OCD and Christianity


At the fine UCLA OCD partial hospitalization program they teach the “fifteen minute rule.” If you can put off performing a compulsion for that amount of time, you will find that it’s strength is greatly lessened. Often it seems to take fifteen or twenty minutes to really feel the reduction in a compulsion’s strength, but even to put off a ritual for five minutes is a victory.

A middle-aged woman suffered from handwashing compulsions that left her sinks clogged with soap and her hands chapped and occasionally bloody.  Group members gave her the homework assignment of resisting the urge to wash her hands for ten minutes after using the toilet. This caused her tremendous anxiety, but she did it–holding up her hands like a surgeon, fearful to touch anything at all.  Over subsequent weeks she stretched the interval to twenty minutes, then thirty, and finally to two hours, after which the obsession lost its strength.  She did it by telling herself: I’ve just got to hold off for a few more minutes, then I can wash.

Another group member reported that when no other strategy worked, postponing did.  When faced with an agonizing need to analyze a conversation over and over, it was all she could do to put off the compulsion by telling herself: Just wait for twenty minutes, and then think about it.  There will still be plenty of time to call and apologize if I need to.  By the end of the twenty minutes, her need to review the conversation was no longer powerful, and she could use reason to deal with it.

If you can’t postpone the ritual, try to limit it in some way. This is an imaginative strategy that sometimes pays results. A junior student named Laura majoring in education suffered from severe, chronic OCD.  As a freshman, she had had to take a medical withdrawal because of disabling symptoms.  Now she was once more falling behind in her studies and, quite discouraged, she was again considering dropping out of school. Particularly oppressive were harm obsessions involving friends and loved ones, and mental rituals that could occupy her mind all day long.  One day in group, when asked how she was doing, she told us tearfully:

Laura:  My OCD is getting bad, again.  It’s the same routines over and over–I mean like all the time, all day long.  I have to imagine dozens of different faces; I have to clearly picture a face, and have a positive thought at the same time I’m doing it, or something bad will happen to that person.  First I do family members, then close friends, and then acquaintances.  This involves everybody that’s important to me.  There must be twenty or thirty different people.  While I’m doing it, other pictures come into my mind, “interrupter people,” who mess things up.  Then I have to start over.  I can’t even read a book.

Student 2:  Can’t you fight them?  You need to remind yourself that those people are going to get alone fine without your thinking about them.

Laura:  Nothing works.  The thoughts are too strong.

Group leader:  (after a pause)  Can anyone else relate to this?

Student 3:  I used to have the same rituals.  I couldn’t go to sleep until I clearly visualized the faces of all the members of my family–and I’ve got a big family–with a certain expression on their faces, and all this had to happen while I was lying a certain way, and saying a certain prayer.  But a big problem happened when I came to college: I didn’t see these people for months at a time, and I would lose their images in my head.  That drove me nuts.  Like nuts.  I would lie there and get so mad at myself that it gave me insomnia.

Group leader:  What was helpful to you to break those compulsions?

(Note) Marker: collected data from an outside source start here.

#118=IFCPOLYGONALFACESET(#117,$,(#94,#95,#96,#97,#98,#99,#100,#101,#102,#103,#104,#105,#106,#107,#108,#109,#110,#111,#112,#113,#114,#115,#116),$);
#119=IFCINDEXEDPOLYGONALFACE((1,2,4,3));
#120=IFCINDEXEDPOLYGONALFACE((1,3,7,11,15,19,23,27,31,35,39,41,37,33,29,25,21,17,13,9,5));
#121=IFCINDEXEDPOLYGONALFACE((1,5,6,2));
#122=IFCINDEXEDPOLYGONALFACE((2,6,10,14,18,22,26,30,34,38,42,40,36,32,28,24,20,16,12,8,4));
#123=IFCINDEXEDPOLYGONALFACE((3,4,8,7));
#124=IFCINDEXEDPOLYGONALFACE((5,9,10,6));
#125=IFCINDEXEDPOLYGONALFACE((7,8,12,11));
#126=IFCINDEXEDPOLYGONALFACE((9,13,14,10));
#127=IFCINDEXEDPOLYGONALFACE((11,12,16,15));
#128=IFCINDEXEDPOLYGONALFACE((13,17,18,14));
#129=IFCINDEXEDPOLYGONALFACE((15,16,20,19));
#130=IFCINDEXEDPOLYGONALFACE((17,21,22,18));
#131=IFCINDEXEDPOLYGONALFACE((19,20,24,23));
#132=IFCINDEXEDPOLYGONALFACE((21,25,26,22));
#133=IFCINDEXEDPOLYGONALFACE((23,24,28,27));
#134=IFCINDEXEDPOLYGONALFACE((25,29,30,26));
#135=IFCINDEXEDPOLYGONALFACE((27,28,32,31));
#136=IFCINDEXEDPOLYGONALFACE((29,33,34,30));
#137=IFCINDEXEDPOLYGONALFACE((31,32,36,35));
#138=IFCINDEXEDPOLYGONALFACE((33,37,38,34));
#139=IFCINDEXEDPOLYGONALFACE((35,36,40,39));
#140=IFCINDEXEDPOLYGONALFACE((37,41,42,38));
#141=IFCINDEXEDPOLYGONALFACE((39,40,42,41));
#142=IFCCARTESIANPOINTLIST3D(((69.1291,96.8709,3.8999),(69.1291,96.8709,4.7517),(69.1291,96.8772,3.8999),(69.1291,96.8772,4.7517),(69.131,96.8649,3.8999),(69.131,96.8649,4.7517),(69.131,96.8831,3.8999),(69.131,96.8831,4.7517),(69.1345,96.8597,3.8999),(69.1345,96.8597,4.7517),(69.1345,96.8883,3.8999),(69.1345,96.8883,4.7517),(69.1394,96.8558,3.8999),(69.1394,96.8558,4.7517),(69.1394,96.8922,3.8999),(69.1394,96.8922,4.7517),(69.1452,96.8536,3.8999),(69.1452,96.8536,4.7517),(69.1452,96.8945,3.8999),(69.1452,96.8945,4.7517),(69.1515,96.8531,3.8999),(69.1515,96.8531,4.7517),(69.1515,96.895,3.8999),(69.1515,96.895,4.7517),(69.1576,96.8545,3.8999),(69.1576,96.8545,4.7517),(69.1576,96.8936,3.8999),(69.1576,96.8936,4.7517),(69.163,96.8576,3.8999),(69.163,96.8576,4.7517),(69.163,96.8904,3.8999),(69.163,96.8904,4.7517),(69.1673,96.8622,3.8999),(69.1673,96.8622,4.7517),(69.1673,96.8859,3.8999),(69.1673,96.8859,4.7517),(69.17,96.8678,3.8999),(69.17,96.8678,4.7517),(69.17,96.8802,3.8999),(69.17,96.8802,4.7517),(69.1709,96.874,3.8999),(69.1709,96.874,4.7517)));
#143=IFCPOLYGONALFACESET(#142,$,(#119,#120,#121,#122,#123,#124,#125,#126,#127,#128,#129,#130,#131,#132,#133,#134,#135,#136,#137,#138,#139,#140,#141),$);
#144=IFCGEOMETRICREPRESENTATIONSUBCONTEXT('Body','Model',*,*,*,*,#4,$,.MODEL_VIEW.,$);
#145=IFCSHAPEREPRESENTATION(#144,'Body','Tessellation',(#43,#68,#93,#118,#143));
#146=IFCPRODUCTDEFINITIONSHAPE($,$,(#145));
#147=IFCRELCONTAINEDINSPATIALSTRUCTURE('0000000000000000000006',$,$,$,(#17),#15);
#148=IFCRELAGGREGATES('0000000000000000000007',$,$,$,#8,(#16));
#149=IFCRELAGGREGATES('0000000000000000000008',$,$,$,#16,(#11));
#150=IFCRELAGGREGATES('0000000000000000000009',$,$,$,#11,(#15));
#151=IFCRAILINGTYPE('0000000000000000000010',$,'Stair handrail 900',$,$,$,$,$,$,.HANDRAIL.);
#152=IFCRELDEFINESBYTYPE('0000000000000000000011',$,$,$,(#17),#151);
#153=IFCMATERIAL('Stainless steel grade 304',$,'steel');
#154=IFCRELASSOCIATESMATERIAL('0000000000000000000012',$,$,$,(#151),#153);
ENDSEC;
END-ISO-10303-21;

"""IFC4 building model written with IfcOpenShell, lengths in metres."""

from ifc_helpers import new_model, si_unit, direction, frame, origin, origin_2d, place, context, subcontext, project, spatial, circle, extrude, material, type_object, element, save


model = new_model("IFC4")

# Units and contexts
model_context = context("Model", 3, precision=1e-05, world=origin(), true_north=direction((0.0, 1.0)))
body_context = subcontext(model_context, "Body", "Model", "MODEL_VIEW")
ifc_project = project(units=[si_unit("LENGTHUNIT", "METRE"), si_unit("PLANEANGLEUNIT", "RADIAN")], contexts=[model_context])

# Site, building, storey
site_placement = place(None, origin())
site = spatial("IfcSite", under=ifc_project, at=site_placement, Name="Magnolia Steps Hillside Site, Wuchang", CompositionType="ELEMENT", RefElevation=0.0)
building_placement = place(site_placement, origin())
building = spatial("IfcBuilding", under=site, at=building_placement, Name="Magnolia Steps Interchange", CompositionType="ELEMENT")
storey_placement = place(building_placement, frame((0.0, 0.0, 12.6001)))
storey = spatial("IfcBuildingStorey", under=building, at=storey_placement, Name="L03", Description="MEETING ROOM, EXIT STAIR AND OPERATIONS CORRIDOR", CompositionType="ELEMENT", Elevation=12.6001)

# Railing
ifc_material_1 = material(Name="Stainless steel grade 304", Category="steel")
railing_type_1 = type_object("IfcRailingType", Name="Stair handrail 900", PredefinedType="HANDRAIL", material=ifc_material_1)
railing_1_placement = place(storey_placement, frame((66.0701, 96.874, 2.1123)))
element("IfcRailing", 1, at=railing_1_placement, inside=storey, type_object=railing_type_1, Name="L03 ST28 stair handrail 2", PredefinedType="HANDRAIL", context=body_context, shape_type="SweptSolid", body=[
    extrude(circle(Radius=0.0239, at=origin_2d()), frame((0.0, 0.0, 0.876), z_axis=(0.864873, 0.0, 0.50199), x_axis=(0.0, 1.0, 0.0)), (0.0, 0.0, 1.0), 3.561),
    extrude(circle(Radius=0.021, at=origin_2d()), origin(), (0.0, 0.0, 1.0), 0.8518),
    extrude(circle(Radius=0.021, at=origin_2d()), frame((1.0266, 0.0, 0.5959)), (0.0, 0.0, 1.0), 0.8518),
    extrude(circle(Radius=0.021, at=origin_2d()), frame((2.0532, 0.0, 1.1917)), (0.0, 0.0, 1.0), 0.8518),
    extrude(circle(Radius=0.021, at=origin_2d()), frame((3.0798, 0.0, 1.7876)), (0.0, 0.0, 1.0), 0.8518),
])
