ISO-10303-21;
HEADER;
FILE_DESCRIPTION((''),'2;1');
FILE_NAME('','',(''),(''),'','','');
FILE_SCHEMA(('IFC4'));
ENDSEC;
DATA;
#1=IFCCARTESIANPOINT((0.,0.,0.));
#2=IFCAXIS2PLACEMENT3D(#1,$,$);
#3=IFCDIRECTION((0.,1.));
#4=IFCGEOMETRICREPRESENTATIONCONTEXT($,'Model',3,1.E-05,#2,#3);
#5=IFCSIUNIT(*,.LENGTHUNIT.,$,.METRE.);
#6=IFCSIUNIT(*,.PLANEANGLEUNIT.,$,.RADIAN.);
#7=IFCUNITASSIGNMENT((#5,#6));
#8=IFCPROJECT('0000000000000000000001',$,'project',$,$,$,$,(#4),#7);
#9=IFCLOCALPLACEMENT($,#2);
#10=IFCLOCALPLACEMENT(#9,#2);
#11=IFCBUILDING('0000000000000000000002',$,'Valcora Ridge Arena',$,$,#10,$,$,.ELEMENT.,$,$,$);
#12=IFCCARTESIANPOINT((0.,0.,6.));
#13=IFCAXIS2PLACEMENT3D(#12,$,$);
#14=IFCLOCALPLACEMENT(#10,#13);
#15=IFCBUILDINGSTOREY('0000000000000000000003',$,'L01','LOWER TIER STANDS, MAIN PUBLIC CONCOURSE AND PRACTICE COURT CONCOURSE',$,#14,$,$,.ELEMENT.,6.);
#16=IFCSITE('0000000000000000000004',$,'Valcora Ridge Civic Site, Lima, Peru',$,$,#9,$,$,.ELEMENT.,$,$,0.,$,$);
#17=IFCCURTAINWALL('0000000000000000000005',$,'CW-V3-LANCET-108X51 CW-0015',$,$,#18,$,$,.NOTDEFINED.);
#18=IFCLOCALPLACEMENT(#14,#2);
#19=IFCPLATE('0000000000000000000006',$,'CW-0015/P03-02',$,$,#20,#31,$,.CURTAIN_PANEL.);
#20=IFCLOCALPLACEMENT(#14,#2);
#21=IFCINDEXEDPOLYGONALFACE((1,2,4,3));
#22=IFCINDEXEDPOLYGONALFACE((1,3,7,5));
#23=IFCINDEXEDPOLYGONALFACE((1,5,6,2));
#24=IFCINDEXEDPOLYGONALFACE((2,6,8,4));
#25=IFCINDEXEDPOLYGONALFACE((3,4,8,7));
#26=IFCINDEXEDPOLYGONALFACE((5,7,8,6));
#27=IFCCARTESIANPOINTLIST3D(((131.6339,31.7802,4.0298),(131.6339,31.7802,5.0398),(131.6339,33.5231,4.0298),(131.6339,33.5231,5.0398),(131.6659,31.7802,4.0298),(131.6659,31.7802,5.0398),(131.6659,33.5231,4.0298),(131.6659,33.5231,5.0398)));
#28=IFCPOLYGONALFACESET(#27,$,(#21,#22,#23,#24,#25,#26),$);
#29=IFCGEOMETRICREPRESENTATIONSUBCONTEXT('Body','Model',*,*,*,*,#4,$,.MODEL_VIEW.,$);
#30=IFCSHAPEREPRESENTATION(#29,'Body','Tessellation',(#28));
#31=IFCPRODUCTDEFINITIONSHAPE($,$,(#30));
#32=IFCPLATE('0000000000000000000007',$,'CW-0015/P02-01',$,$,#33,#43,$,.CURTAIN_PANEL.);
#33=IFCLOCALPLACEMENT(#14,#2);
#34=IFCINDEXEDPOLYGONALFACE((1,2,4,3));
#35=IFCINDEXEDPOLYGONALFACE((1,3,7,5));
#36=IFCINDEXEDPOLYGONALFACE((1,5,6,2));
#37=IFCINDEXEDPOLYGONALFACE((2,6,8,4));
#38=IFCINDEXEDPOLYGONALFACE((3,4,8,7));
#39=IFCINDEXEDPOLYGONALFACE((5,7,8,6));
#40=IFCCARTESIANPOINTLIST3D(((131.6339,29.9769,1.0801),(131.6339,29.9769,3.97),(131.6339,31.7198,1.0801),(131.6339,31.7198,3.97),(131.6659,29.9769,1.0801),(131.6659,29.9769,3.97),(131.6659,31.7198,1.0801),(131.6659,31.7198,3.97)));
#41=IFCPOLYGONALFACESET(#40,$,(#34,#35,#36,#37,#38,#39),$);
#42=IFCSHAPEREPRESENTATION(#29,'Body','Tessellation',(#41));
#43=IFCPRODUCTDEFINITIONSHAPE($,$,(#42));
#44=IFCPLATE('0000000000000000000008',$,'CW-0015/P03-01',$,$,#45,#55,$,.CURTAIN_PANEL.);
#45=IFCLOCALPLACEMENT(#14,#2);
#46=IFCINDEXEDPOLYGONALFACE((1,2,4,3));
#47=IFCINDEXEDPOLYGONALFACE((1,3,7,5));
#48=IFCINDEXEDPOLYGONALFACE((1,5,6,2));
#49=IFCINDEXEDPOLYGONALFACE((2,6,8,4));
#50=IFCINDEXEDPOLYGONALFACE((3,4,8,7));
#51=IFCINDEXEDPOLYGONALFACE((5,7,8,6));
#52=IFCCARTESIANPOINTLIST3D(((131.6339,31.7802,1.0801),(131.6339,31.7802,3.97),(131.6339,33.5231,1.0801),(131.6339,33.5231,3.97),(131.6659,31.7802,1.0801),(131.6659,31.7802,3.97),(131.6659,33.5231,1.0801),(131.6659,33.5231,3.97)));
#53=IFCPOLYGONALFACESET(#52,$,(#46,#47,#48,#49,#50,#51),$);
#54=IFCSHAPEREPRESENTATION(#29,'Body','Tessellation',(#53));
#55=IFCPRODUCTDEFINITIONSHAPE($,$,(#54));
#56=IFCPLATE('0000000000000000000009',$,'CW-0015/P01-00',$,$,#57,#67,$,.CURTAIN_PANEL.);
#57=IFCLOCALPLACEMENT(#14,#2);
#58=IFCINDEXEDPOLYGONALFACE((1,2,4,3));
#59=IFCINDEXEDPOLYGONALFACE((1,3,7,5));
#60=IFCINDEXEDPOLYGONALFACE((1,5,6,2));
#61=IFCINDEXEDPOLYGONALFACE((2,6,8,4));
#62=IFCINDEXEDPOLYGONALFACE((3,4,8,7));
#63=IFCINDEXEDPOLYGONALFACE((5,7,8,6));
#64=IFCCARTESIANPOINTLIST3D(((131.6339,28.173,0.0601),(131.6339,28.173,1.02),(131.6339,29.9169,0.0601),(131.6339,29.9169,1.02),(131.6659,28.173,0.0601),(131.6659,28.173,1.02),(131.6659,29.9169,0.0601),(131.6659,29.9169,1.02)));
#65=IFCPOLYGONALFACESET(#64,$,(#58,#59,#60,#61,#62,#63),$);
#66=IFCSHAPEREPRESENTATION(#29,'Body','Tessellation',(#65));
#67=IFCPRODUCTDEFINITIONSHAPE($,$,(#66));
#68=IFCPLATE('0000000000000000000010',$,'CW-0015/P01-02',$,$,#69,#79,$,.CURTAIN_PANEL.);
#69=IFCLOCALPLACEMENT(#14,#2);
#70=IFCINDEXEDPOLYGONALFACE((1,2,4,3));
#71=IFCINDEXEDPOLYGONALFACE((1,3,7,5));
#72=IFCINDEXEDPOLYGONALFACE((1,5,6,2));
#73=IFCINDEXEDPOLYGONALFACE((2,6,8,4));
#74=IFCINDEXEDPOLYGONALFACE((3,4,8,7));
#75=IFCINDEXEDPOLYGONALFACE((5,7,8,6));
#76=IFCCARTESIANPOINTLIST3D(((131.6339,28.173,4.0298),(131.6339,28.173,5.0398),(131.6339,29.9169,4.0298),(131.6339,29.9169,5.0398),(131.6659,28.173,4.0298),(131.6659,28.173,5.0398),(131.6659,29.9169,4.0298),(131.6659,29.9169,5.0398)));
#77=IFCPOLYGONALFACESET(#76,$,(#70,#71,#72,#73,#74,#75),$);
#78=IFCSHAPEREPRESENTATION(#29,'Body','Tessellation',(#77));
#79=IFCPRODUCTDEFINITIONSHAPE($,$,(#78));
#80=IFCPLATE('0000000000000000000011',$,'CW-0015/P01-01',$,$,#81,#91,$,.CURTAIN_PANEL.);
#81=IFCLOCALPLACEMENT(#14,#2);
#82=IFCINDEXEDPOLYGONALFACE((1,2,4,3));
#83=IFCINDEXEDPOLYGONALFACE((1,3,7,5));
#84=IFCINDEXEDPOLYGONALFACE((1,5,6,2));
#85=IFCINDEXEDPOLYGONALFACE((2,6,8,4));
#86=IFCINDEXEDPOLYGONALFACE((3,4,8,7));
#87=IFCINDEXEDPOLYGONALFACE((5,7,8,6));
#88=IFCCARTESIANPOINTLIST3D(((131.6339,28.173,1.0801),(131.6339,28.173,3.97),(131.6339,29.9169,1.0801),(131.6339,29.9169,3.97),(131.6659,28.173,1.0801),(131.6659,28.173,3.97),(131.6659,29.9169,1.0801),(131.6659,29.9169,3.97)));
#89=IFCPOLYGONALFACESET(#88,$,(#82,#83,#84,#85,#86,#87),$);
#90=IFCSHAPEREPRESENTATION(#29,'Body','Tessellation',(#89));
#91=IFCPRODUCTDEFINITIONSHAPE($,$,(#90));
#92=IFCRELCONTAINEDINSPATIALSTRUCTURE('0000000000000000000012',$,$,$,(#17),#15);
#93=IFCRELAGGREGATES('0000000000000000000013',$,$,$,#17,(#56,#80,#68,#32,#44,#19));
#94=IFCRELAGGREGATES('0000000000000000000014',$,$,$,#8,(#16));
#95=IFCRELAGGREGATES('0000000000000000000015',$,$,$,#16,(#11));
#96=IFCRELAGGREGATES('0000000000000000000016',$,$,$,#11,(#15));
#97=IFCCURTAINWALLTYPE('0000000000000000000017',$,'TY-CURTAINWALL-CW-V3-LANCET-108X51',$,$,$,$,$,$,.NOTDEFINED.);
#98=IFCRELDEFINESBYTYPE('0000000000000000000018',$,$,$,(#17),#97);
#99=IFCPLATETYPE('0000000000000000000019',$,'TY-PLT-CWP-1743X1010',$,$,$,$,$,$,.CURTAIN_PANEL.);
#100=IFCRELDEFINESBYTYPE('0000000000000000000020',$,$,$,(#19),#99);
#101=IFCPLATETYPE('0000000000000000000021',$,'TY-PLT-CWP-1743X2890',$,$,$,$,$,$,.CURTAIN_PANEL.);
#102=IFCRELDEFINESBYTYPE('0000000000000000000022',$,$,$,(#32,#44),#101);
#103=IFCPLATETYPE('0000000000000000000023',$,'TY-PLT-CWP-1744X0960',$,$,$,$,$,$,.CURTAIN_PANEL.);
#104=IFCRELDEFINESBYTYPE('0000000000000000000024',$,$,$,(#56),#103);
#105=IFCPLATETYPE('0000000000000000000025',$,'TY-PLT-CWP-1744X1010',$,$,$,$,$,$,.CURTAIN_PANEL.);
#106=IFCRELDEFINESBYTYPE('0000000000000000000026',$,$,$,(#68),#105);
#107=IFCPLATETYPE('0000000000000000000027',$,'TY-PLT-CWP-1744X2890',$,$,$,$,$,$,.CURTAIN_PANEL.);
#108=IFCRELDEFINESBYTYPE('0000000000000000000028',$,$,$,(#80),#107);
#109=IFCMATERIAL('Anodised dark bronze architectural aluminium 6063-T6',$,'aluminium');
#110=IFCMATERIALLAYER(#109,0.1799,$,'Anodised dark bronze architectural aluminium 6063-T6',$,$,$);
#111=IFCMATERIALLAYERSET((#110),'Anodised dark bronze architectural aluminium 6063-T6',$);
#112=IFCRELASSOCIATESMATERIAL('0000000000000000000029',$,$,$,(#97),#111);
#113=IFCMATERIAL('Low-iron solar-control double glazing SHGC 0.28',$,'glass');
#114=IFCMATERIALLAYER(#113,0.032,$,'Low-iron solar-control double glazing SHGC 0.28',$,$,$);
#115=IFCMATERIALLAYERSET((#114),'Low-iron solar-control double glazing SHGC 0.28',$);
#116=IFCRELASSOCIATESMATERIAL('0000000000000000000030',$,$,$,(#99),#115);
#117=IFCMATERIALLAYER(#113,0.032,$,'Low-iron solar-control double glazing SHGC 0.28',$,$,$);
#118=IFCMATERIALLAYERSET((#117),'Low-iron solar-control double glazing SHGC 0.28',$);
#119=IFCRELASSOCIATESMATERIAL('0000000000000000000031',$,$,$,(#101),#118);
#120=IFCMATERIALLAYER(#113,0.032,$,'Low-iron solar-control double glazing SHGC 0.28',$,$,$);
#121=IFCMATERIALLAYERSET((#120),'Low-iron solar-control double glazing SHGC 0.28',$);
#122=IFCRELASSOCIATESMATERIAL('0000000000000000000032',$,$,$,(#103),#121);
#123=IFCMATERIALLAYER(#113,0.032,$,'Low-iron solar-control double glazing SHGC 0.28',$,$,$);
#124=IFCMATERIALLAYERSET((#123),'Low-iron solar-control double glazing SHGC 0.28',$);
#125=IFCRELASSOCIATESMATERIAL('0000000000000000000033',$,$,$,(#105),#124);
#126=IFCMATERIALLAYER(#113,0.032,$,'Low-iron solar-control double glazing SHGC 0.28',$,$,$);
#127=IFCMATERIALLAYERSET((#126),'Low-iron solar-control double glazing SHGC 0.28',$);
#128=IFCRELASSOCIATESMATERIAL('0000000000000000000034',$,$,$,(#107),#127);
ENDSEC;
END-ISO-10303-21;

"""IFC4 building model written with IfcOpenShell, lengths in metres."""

from ifc_helpers import new_model, si_unit, direction, frame, origin, origin_2d, place, context, subcontext, project, spatial, rectangle, extrude, material, layer, layer_set, type_object, element, aggregate, save


model = new_model("IFC4")

# Units and contexts
model_context = context("Model", 3, precision=1e-05, world=origin(), true_north=direction((0.0, 1.0)))
body_context = subcontext(model_context, "Body", "Model", "MODEL_VIEW")
ifc_project = project(units=[si_unit("LENGTHUNIT", "METRE"), si_unit("PLANEANGLEUNIT", "RADIAN")], contexts=[model_context])

# Site, building, storey
site_placement = place(None, origin())
site = spatial("IfcSite", under=ifc_project, at=site_placement, Name="Valcora Ridge Civic Site, Lima, Peru", CompositionType="ELEMENT", RefElevation=0.0)
building_placement = place(site_placement, origin())
building = spatial("IfcBuilding", under=site, at=building_placement, Name="Valcora Ridge Arena", CompositionType="ELEMENT")
storey_placement = place(building_placement, frame((0.0, 0.0, 6.0)))
storey = spatial("IfcBuildingStorey", under=building, at=storey_placement, Name="L01", Description="LOWER TIER STANDS, MAIN PUBLIC CONCOURSE AND PRACTICE COURT CONCOURSE", CompositionType="ELEMENT", Elevation=6.0)

# Curtain wall, plates
ifc_material_1 = material(Name="Anodised dark bronze architectural aluminium 6063-T6", Category="aluminium")
ifc_layer_1 = layer(ifc_material_1, 0.1799, Name="Anodised dark bronze architectural aluminium 6063-T6")
ifc_layer_set_1 = layer_set([ifc_layer_1], Name="Anodised dark bronze architectural aluminium 6063-T6")
curtain_wall_type = type_object("IfcCurtainWallType", Name="TY-CURTAINWALL-CW-V3-LANCET-108X51", PredefinedType="NOTDEFINED", material=ifc_layer_set_1)
curtain_wall_placement = place(storey_placement, origin())
curtain_wall = element("IfcCurtainWall", 1, at=curtain_wall_placement, inside=storey, type_object=curtain_wall_type, Name="CW-V3-LANCET-108X51 CW-0015", PredefinedType="NOTDEFINED")
ifc_material_2 = material(Name="Low-iron solar-control double glazing SHGC 0.28", Category="glass")
ifc_layer_2 = layer(ifc_material_2, 0.032, Name="Low-iron solar-control double glazing SHGC 0.28")
ifc_layer_set_2 = layer_set([ifc_layer_2], Name="Low-iron solar-control double glazing SHGC 0.28")
plate_type_1 = type_object("IfcPlateType", Name="TY-PLT-CWP-1743X1010", PredefinedType="CURTAIN_PANEL", material=ifc_layer_set_2)
plate_1_placement = place(storey_placement, frame((131.6499, 32.6516, 4.0298), z_axis=(0.0, 0.0, 1.0), x_axis=(0.0, 1.0, 0.0)))
plate_1 = element("IfcPlate", 2, at=plate_1_placement, type_object=plate_type_1, Name="CW-0015/P03-02", PredefinedType="CURTAIN_PANEL", context=body_context, shape_type="SweptSolid", body=[
    extrude(rectangle(XDim=1.7429, YDim=0.032, at=origin_2d()), origin(), (0.0, 0.0, 1.0), 1.01),
])
ifc_layer_3 = layer(ifc_material_2, 0.032, Name="Low-iron solar-control double glazing SHGC 0.28")
ifc_layer_set_3 = layer_set([ifc_layer_3], Name="Low-iron solar-control double glazing SHGC 0.28")
plate_type_2 = type_object("IfcPlateType", Name="TY-PLT-CWP-1743X2890", PredefinedType="CURTAIN_PANEL", material=ifc_layer_set_3)
plate_2_placement = place(storey_placement, frame((131.6499, 30.8484, 1.0801), z_axis=(0.0, 0.0, 1.0), x_axis=(0.0, 1.0, 0.0)))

Student 3:  I told myself: “You’ve got to stop this.  You’re a big girl, now.”

Laura: I can tell myself to stop but the thoughts come back even stronger.  I’m like totally gone.

Student 2:  Linda, maybe you can try this.  Just cut down on the faces you are imaging, don’t stop the ritual all together.  Maybe that will work. Just visualize the five most important people, then stop for  while.

To my surprise, Laura benefitted from this suggestion.  When it was brought up, I had thought it overly simple.  In fact, I was ready to write Laura another medical withdrawal.  This experience clearly demonstrates one of the great benefits of group therapy: People who are actively fighting OCD have insight into what works that others lack.

Limiting a ritual also worked for a middle-aged woman in our community mental health center group who suffered from compulsive reading and hoarding.  Picking up Good Housekeeping, for instance, her eye would catch an article on aging.  Even though the subject was boring, she would feel that she had to read the article so that she wouldn’t miss something important for her family’s health.  Attempting to do so, however, she would find that she wasn’t able to attend fully to the article.  She would then have to reread it.  Invariably, she would never gain certainty that she had sufficiently absorbed the article’s information; and she would have to save the magazine so that she could refer to it later.  Stacks of magazines lay in piles on her floors and littered her attic. Group members helped her break her compulsions by suggesting that she throw them away a half-dozen at a time.  It worked. She was able to accomplish this by telling herself: “There are so many magazines here that throwing away a few of them isn’t going to matter.”